Pesquisador cria sistema móvel de placas de energia solar

Equipamento utiliza um dispositivo eletrônico que calcula a posição a Sol

Um sistema mais eficiente de geração de energia solar foi criado pela Unesp. Trata-se de placas solares móveis, capazes de acompanhar a posição dos raios solares durante o ano. Novidade que, se chegar ao mercado, poderá movimentar o setor e trazer benefícios energéticos e ambientais.

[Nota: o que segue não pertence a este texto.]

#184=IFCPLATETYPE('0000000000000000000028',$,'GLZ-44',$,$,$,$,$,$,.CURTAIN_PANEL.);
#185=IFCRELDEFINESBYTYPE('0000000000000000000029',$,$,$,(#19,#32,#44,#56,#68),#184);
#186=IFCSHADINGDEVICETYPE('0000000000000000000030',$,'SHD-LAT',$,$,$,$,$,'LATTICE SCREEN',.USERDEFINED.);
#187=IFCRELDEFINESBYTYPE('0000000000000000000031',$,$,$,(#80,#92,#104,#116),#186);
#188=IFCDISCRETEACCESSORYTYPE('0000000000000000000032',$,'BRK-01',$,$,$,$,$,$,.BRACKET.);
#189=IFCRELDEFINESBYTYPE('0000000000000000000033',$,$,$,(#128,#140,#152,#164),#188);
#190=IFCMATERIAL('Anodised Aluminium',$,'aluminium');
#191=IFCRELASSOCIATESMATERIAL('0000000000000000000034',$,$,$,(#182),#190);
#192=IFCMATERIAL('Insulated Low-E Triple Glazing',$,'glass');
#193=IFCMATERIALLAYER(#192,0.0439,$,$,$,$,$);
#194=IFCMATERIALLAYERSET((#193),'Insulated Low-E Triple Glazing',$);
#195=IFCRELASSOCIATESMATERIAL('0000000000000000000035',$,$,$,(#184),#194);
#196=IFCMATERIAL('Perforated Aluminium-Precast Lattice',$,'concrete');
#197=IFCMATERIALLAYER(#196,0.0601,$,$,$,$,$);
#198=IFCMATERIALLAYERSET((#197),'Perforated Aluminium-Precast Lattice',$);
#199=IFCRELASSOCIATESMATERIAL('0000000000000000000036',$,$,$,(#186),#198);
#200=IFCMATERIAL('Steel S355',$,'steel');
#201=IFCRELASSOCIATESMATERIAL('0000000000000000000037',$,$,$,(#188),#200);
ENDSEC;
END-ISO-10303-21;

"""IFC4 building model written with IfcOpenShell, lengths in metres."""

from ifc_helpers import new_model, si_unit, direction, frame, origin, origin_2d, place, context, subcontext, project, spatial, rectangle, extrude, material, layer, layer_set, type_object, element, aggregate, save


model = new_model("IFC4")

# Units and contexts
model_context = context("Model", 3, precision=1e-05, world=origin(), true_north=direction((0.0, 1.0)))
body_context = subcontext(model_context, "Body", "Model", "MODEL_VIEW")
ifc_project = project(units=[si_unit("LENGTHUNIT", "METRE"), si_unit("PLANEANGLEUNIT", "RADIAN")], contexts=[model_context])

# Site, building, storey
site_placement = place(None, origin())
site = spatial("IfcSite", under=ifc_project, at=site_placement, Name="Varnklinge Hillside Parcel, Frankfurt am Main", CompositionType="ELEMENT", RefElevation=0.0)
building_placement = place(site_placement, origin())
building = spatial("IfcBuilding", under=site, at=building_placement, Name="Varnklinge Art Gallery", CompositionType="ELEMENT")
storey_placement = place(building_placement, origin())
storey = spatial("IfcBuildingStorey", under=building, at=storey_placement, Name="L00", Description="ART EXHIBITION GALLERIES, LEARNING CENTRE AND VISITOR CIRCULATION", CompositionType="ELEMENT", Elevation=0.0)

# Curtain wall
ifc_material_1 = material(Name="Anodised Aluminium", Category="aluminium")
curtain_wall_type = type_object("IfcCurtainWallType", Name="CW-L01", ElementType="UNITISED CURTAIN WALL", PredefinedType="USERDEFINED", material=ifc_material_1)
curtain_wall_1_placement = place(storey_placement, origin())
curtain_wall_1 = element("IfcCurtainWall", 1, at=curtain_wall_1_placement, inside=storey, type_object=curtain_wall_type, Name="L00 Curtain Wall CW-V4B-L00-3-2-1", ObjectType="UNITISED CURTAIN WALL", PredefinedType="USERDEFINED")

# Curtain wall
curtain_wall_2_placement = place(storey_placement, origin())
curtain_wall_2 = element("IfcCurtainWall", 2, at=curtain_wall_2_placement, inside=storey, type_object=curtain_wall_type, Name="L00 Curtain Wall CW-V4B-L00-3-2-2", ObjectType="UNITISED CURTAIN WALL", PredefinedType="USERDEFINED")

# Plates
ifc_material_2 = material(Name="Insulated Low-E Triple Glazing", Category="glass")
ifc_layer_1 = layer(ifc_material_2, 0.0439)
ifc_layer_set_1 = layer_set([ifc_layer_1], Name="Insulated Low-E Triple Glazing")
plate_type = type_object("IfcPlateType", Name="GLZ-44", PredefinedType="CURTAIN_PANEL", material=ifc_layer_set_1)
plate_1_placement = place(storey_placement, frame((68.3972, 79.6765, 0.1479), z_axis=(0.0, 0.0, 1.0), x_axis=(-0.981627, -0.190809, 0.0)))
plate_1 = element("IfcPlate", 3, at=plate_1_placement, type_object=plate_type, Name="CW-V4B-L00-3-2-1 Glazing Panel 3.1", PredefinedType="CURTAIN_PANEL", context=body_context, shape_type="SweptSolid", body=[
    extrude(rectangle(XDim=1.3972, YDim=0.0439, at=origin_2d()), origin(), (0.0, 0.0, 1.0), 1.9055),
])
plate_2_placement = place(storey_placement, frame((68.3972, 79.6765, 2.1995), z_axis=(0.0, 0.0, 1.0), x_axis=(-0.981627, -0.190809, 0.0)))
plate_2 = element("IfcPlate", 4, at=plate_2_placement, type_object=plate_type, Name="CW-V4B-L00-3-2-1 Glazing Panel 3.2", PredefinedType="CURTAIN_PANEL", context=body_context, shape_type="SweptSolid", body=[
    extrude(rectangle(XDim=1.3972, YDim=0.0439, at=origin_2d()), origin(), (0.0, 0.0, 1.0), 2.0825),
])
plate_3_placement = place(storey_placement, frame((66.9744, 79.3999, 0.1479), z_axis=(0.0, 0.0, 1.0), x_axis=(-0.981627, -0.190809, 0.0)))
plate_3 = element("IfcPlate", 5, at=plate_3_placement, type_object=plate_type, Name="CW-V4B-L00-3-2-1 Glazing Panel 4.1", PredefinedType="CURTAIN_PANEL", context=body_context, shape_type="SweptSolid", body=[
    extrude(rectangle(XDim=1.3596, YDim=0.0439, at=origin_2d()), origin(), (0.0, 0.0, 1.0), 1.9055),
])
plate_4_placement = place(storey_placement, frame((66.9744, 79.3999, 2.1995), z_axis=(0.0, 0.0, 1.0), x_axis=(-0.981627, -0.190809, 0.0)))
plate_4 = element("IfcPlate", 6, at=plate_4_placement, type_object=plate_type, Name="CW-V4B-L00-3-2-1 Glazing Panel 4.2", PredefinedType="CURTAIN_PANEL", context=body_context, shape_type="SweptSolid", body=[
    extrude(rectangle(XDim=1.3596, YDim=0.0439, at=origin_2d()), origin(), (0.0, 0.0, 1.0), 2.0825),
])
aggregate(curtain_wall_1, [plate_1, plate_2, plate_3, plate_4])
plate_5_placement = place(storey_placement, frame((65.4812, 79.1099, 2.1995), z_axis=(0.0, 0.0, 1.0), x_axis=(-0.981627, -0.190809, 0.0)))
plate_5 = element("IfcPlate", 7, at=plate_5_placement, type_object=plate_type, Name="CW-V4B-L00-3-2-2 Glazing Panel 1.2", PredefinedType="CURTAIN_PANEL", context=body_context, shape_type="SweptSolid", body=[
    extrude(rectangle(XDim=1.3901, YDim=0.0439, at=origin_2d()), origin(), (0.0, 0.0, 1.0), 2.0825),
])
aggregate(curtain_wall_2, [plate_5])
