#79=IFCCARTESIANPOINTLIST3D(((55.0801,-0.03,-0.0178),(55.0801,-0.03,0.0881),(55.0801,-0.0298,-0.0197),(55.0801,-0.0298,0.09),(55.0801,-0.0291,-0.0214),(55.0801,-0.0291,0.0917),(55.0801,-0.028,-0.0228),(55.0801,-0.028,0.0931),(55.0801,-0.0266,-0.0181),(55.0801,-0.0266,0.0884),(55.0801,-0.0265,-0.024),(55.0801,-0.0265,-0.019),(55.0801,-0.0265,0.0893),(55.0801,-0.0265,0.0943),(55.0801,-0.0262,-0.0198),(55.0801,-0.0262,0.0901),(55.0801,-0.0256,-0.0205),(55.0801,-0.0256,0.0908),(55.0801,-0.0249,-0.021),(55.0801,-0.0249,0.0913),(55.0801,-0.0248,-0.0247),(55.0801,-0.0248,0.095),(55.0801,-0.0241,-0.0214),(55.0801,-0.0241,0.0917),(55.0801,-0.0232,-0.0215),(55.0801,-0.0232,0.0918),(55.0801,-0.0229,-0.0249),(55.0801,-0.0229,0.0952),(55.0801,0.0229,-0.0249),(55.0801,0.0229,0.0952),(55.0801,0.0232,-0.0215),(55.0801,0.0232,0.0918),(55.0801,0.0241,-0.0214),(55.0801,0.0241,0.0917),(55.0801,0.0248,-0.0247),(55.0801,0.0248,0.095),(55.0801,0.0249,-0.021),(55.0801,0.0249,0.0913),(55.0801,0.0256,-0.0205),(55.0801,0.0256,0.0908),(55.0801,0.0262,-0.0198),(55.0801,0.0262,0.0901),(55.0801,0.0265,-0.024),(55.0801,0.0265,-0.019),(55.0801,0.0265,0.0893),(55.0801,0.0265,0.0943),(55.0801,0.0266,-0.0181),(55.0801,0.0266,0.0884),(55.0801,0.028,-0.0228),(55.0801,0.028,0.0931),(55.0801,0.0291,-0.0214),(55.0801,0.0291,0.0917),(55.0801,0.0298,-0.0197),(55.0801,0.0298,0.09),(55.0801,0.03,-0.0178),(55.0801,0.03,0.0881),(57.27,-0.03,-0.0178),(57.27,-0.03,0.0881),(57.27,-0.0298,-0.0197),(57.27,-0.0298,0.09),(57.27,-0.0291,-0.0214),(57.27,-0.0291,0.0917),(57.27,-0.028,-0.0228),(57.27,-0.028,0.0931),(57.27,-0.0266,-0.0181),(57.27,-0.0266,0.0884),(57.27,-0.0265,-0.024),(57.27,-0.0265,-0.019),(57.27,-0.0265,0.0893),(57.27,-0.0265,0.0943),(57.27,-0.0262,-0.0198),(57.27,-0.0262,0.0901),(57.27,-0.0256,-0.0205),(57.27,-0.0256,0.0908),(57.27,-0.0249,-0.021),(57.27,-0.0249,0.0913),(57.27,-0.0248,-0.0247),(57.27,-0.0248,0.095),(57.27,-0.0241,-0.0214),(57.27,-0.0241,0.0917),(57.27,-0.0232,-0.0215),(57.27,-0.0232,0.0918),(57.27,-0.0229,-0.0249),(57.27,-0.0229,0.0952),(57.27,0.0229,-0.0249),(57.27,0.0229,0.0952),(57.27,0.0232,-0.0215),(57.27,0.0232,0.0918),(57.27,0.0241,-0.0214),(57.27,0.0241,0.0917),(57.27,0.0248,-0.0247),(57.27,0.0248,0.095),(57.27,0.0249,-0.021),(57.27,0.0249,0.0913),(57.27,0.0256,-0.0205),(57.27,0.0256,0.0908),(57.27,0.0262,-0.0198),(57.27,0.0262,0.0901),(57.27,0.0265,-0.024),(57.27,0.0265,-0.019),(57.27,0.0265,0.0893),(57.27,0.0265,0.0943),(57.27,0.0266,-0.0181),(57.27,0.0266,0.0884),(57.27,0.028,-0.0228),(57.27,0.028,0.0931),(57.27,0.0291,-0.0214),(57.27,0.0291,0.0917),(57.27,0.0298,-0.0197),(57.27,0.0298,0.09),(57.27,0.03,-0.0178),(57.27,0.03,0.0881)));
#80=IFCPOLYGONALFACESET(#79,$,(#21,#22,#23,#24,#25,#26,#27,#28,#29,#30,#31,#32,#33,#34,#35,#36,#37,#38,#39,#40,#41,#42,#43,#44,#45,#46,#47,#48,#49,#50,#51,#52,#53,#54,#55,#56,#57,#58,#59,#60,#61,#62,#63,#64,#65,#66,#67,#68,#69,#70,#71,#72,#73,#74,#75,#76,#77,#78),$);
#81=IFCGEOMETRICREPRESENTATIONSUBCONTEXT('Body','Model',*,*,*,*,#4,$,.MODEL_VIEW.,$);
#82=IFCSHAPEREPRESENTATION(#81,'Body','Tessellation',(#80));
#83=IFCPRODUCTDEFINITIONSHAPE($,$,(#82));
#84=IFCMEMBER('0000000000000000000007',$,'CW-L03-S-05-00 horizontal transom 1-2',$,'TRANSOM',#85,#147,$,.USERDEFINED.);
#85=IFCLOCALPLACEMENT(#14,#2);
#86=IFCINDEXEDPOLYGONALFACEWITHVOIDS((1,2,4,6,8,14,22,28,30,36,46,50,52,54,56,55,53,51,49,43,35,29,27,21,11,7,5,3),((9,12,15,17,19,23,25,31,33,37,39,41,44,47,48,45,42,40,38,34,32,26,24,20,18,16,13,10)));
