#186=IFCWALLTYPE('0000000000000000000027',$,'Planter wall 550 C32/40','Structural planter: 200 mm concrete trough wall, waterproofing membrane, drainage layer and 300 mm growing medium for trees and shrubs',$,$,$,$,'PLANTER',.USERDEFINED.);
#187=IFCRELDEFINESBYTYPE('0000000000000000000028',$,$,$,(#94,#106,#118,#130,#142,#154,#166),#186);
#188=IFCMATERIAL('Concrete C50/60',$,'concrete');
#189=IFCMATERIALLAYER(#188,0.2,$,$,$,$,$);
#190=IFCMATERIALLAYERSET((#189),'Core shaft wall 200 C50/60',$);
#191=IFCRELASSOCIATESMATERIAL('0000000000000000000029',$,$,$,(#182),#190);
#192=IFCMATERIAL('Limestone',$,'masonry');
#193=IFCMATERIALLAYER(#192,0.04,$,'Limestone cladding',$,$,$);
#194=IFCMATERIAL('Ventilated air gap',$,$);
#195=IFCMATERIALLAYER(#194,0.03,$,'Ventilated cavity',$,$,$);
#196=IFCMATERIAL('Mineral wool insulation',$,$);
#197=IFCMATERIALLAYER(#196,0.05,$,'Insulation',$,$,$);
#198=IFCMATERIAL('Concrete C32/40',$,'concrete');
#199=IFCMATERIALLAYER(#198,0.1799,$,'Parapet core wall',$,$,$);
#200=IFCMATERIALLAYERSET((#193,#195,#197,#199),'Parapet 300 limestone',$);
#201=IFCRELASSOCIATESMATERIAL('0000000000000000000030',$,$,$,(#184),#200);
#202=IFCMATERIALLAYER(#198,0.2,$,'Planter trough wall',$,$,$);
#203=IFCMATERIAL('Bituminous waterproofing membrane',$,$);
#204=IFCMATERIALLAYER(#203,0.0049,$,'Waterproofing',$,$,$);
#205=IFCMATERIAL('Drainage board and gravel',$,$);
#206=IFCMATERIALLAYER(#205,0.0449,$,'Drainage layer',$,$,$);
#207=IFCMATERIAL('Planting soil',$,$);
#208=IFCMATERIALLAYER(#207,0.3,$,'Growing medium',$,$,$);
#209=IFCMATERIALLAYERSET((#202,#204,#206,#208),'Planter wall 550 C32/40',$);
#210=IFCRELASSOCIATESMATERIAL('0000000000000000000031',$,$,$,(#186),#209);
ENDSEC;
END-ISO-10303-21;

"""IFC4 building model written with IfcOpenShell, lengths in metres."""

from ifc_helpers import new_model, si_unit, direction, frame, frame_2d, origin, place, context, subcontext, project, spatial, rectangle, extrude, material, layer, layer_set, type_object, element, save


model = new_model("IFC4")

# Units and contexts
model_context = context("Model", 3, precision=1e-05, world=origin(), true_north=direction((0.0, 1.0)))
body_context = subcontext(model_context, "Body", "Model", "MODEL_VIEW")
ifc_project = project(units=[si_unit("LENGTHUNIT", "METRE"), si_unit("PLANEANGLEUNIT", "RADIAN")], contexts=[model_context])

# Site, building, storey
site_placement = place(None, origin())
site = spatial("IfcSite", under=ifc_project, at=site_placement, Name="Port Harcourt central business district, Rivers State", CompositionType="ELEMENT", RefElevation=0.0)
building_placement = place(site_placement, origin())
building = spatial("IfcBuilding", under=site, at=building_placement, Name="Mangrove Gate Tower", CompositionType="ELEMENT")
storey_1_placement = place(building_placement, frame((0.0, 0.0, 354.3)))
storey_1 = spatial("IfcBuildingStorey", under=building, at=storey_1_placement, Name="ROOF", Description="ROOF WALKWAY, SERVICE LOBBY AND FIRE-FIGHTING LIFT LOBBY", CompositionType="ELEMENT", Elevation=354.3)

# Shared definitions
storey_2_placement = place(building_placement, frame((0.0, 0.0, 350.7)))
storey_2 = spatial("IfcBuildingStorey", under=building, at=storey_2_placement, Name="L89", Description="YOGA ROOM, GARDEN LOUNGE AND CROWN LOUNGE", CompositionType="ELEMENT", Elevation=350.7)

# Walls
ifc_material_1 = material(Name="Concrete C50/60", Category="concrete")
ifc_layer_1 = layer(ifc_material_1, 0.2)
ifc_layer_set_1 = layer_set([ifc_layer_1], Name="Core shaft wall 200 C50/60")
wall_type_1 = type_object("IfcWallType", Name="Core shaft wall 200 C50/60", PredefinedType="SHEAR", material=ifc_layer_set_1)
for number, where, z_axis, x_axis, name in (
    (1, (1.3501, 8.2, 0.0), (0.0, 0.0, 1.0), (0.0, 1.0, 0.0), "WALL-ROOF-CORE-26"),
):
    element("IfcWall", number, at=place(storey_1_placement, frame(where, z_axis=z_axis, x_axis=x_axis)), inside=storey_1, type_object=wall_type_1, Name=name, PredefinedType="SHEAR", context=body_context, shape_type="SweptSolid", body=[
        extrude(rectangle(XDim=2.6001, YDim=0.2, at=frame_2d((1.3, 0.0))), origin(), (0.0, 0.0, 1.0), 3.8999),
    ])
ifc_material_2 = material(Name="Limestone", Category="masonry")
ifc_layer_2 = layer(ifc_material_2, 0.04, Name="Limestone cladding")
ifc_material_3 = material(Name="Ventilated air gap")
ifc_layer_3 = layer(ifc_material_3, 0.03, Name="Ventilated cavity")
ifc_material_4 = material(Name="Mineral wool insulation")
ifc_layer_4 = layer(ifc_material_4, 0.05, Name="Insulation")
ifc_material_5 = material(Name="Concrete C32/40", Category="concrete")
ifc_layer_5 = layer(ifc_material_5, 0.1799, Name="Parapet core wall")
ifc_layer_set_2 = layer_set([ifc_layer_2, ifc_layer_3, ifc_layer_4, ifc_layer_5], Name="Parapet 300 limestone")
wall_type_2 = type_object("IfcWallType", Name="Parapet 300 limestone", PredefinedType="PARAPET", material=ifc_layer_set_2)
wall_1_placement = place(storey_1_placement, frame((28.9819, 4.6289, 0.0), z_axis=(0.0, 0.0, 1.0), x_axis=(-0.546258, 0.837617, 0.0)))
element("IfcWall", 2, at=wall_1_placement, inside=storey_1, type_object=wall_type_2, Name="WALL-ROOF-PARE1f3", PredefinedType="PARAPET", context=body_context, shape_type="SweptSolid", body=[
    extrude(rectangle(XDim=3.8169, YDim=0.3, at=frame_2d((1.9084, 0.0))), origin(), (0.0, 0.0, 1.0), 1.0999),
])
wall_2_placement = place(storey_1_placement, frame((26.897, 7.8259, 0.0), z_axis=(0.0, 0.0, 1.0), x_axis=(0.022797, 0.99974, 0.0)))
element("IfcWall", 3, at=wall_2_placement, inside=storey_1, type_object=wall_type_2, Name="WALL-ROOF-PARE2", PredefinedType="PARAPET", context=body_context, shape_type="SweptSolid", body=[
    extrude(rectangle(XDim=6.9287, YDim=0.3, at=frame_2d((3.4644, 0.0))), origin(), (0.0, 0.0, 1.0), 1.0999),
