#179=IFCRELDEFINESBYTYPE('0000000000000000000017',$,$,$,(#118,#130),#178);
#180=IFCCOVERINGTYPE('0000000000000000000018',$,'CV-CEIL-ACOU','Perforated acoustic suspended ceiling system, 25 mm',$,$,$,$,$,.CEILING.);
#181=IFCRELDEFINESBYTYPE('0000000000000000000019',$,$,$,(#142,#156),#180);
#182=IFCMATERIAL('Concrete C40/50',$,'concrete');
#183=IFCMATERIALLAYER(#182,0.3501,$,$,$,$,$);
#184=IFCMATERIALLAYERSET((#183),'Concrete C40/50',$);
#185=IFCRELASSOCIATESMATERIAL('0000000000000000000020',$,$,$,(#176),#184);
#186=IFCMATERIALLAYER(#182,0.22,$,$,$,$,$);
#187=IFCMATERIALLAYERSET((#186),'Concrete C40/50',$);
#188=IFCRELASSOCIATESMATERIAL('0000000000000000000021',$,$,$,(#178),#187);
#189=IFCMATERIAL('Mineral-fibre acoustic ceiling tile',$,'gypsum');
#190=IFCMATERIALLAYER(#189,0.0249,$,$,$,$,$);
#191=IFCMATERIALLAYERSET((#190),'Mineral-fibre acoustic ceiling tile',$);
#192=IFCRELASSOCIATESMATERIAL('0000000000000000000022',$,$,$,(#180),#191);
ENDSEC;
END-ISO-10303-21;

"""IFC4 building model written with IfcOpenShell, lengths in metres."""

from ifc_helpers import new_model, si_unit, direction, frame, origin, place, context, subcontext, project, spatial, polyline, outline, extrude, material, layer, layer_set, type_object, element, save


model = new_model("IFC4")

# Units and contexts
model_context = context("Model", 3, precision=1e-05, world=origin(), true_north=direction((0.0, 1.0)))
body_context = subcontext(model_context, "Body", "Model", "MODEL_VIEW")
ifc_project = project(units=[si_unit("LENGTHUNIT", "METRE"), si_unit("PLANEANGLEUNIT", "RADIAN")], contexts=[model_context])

O modelo foi desenvolvido pelo professor da Faculdade de Engenharia da Unesp (FEB), Alceu Ferreira Alves, e teve origem a partir de uma pesquisa para sua tese de doutorado. O estudo contou com o financiamento da Fundação de Amparo à Pesquisa no Estado de São Paulo (Fapesp) e da Fundação para o Desenvolvimento da Unesp (Fundunesp).

A placa móvel utiliza um sistema mecânico para gerar os movimentos e um dispositivo eletrônico que calcula a posição do Sol e envia os comandos para um conjunto de dois motores de passo. “A inclinação do painel é mantida constante ao longo do dia e há um movimento apenas do ângulo equivalente ao fuso-horário da Terra, ajustando a posição do painel a cada quatro minutos. A inclinação do painel só muda quando há uma diferença entre a posição real do painel e um ângulo de incidência superior a um grau, o que ocorre aproximadamente a cada quatro dias”, explica Alves.

A proposta do professor é voltada para aplicação em pequenas propriedades rurais isoladas, na construção de grandes parques fotovoltaicos, uso residencial em centros urbanos e na geração distribuída de eletricidade em conjunto com outras fontes de energia, como eólica, térmica, entre outras.

O novo sistema tem capacidade para produzir 53% mais energia se comparado a sistemas fotovoltaicos fixos, ou seja, o modelo da Unesp não consome muito da energia que produz. Vantagem que pode se transformar em retorno de capital, já que o custo 35,7% superior a um sistema convencional é compensado pela maior geração de energia elétrica. O seu encarecimento se deve ao alto custo de implantação e por causa do alto preço do silício, material utilizado para fabricar os painéis fotovoltaicos.

Por enquanto, apenas um protótipo de 50W foi construído. Porém, de acordo com o professor, a tecnologia permite que se construam usinas geradoras de qualquer potência, bastando apenas que se multipliquem o número de painéis instalados e o sistema de movimentação.

Entre as características que o diferenciam de outros sistemas comercializados hoje, estão a não utilização de sensores, o que diminui a possível interferência de sombras ou nuvens; o movimento de apenas um motor durante o dia, economizando parte da energia gerada; e o uso de motores de passo, em vez de motores de corrente contínua, o que torna o sistema mais simples e exclui a necessidade de retroalimentação.

Segundo Alves, o objetivo inicial não era comercial, mas, após a divulgação, foram recebidas algumas propostas de industrialização e comercialização, que estão sendo analisadas, visando à continuidade das pesquisas, para tornar o sistema ainda mais inteligente e viável.